Telefon (04681) 74700

E-Mail E-Mail:
Homepage: www.wyk.de

Wyk auf Föhr ist die einzige Gemeinde des Amtes Föhr-Amrum mit Stadtrechten, die sie seit dem Jahre 1910 besitzt. Als eigenständige Gemeinde wird Wyk auf Föhr urkundlich seit Mitte des 17. Jahrhunderts erwähnt und bestand damals nur aus wenigen Häusern, deren Bewohner in der Hauptsache vom Fischfang lebten.

Mit der Gründung des Seebades im Jahre 1819 begann ein neuer, entscheidender Abschnitt in der Geschichte der Stadt. Ärzte und Gäste hatten die heilklimatischen Vorzüge der Insel in der Nordsee erkannt, was seinen Niederschlag bald auch in steigenden Gästezahlen fand. In der so genannten "Königszeit" in den Jahren 1842 bis 1847 erlebte Wyk durch die Sommeraufenthalte des dänischen Königs Christian VIII. eine besondere Blütezeit.

Großbrände zerstörten 1857 und 1869 weite Teile der Wyker Altstadt und führten zur Bildung der Freiwilligen Feuerwehr. 1885 wurde die Wyker Dampfschiffs-Reederei gegründet, die heute mit ihrem modernen Schiffspark die größte Reederei an der schleswig-holsteinischen Westküste ist.

1898 errichtete der Schwabe Dr. Gmelin im damals noch nicht bewohnten Südteil der Gemarkung Boldixum das Nordsee-Sanatorium. Dies war die Initialzündung für den raschen Aufbau des Ortsteils Südstrand, der nach der Eingemeindung Boldixums seit 1924 zu Wyk gehört. Vorausschauende Stadtväter sorgten für umfangreiche Anpflanzungen, die heute als grüne Bänder die Ortsteile durchziehen. Ein weiterer Schwabe, Dr. Haeberlin, war ab 1902 die treibende Kraft beim Aufbau des später nach ihm benannten Friesen-Museums.

Die Weltwirtschaftskrise und die Zeit des Nationalsozialismus warfen ihre Schatten auch über Föhr. Die Auswirkungen des 2. Weltkrieges hielten sich in Grenzen. In den Jahren 1945 bis 1947 fanden viele Vertriebene aus den Ostgebieten in Wyk eine - oftmals nicht nur vorübergehende - Zuflucht. Hierdurch stieg die Einwohnerzahl von 2.824 (1939) auf zeitweise über 6.000 (1947).
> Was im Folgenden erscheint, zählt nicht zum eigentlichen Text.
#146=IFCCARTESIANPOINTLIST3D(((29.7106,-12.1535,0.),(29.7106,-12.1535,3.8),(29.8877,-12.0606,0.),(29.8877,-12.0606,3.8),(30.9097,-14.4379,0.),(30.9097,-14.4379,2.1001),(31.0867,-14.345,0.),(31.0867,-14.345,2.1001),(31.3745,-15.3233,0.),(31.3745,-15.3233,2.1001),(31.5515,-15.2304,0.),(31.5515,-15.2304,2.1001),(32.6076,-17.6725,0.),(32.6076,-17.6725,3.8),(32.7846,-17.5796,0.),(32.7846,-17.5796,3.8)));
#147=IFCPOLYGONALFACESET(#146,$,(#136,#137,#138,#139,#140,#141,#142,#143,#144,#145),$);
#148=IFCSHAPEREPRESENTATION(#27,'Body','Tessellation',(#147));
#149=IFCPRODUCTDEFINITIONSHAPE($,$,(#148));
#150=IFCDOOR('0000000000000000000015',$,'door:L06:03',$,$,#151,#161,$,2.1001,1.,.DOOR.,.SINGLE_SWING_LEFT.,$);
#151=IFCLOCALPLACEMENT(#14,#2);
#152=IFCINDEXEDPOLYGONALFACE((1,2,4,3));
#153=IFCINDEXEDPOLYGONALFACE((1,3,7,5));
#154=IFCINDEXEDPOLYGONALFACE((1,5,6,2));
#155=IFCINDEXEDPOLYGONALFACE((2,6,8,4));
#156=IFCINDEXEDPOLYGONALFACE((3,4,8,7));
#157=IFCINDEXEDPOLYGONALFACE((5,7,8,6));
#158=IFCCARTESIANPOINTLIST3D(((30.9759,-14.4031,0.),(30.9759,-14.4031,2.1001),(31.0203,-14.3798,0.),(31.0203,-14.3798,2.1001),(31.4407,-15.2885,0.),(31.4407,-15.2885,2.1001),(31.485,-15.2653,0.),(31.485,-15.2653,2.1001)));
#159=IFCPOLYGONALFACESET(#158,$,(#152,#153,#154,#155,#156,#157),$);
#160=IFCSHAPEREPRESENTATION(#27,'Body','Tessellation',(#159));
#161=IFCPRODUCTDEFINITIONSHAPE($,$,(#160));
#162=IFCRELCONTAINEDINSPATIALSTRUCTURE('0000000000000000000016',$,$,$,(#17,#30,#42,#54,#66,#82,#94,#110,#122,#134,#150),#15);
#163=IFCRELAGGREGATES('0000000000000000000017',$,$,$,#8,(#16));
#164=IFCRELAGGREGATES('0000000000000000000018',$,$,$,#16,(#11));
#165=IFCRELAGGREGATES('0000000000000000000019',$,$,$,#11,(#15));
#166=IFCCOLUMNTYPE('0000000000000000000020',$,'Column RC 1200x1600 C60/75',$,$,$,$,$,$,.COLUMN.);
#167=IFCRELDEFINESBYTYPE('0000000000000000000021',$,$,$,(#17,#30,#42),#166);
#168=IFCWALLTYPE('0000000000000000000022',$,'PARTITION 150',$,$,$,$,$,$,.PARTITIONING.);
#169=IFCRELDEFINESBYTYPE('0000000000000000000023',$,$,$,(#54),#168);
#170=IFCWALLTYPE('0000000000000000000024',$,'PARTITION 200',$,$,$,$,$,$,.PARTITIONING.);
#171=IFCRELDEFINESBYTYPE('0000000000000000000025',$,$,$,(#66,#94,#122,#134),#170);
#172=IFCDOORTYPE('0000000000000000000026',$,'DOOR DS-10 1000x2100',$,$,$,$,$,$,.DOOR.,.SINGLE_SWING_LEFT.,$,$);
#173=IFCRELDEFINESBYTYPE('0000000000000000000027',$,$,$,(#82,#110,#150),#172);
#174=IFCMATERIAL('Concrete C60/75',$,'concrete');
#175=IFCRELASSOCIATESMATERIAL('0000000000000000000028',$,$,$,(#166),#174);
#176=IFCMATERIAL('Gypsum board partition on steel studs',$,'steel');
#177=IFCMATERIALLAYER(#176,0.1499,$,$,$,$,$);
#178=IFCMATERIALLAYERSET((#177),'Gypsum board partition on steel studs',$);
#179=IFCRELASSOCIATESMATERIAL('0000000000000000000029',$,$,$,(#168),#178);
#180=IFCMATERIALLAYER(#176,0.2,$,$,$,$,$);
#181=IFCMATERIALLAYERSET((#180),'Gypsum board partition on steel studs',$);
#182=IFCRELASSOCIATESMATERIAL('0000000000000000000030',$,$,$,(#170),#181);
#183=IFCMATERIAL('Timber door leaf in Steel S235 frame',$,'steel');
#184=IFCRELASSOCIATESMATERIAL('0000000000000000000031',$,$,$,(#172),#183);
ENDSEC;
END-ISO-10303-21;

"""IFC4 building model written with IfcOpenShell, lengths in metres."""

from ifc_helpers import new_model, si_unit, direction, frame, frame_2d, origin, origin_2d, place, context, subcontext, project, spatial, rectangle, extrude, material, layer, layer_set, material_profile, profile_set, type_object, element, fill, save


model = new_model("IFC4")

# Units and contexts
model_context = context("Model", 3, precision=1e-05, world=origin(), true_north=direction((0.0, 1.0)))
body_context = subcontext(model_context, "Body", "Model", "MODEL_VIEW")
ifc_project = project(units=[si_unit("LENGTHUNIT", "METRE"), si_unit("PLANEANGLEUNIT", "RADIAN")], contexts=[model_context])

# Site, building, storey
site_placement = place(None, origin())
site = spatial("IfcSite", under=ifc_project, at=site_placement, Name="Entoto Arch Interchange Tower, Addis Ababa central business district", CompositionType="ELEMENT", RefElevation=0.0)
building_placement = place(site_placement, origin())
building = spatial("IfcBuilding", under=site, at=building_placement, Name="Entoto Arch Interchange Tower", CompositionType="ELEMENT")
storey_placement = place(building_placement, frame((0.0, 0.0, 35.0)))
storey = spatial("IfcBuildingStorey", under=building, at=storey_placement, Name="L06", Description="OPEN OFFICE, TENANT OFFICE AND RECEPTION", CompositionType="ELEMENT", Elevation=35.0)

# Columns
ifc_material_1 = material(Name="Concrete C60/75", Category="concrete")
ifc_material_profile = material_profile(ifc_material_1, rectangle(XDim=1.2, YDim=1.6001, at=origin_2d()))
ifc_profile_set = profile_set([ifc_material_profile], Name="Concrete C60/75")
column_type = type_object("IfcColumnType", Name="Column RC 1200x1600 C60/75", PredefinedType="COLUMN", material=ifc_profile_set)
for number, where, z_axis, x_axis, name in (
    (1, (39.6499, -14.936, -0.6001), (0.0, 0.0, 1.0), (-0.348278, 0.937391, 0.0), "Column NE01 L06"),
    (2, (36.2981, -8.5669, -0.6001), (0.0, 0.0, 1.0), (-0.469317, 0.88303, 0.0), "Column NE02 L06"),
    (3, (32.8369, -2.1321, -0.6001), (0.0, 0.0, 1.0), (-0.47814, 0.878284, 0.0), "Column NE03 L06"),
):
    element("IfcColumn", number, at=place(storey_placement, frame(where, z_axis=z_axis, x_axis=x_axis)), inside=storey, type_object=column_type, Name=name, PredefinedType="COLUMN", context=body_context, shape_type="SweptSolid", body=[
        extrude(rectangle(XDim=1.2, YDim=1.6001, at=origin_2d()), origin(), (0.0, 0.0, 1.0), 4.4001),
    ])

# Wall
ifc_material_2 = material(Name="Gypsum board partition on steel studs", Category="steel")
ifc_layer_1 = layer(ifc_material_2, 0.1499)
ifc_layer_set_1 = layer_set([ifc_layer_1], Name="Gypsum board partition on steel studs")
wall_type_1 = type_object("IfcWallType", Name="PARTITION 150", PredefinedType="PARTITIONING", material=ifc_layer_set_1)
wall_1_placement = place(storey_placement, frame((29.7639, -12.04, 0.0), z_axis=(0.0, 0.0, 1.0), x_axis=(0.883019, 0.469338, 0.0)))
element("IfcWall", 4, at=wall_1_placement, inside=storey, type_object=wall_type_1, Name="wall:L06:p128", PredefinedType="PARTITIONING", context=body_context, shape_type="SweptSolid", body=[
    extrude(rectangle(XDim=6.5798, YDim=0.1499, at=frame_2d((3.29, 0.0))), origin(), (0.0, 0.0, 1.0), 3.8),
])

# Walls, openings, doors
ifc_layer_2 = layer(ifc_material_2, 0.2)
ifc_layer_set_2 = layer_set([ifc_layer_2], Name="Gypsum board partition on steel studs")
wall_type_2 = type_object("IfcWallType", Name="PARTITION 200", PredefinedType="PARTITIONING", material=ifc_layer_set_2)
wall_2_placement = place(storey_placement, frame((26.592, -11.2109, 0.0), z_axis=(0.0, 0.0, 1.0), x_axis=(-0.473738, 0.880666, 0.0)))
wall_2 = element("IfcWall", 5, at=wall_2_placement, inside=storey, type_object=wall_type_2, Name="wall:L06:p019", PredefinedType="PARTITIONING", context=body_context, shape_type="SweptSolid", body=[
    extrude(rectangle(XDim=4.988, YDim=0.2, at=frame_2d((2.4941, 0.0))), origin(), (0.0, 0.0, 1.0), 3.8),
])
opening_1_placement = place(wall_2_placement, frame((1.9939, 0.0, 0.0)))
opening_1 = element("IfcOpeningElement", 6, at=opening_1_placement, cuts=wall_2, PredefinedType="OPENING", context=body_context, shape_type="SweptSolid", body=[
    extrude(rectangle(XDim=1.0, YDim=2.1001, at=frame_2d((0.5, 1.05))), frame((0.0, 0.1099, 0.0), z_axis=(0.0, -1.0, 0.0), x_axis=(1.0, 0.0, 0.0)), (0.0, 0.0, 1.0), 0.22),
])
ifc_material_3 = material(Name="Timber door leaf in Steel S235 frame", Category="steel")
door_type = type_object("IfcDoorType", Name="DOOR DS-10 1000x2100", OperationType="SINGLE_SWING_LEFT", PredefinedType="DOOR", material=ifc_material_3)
In den Zeiten des allgemeinen wirtschaftlichen Aufschwunges nach dem 2. Weltkrieg wurde von öffentlicher und privater Seite kräftig investiert, um im wieder zunehmenden touristischen Wettbewerb zu bestehen. Nur einige Beispiele seien hier genannt: Ausbau der Straßen 1950 bis 1965, Vollkanalisation und Kläranlage ab 1954, Hafenumgestaltung und -erweiterung in mehreren Phasen für den zunehmenden Personen-, Güter- und Kfz-Zustrom, Kurmittelhaus 1957 mit mehrfachen Anpassungen an die gestiegenen Anforderungen, Meerwasserhallen-Brandungsbad 1970 mit dessen Umgestaltung zum Familienbad AquaWyk 1995.

In das neue Schul- und Sportzentrum am Rebbelstieg zogen 1977 die Realschule mit Hauptschulteil und 1981 das Gymnasium ein. 1984 wurde das neue Rathaus bezugsfertig und ist seit Januar 2007 Sitz des neu geschaffenen Amtes Föhr-Amrum. Das alte Feuerwehrgerätehaus am Heymannsweg wurde Jugendzentrum, nachdem die Feuerwehr 1992 in ihr neues Gebäude am Rebbelstieg umgezogen war.

Als jüngste kommunale Großbaumaßnahme wurde im Sommer 2007 nach etwa zweieinhalb-jähriger Bauphase die neue 2,6 km lange Promenade fertig gestellt. Die Anknüpfung an den Hafen wird durch die Umgestaltung von Sandwall und Königstraße in eine noch attraktivere Flaniermeile in den Jahren 2007 bis 2009 geschaffen.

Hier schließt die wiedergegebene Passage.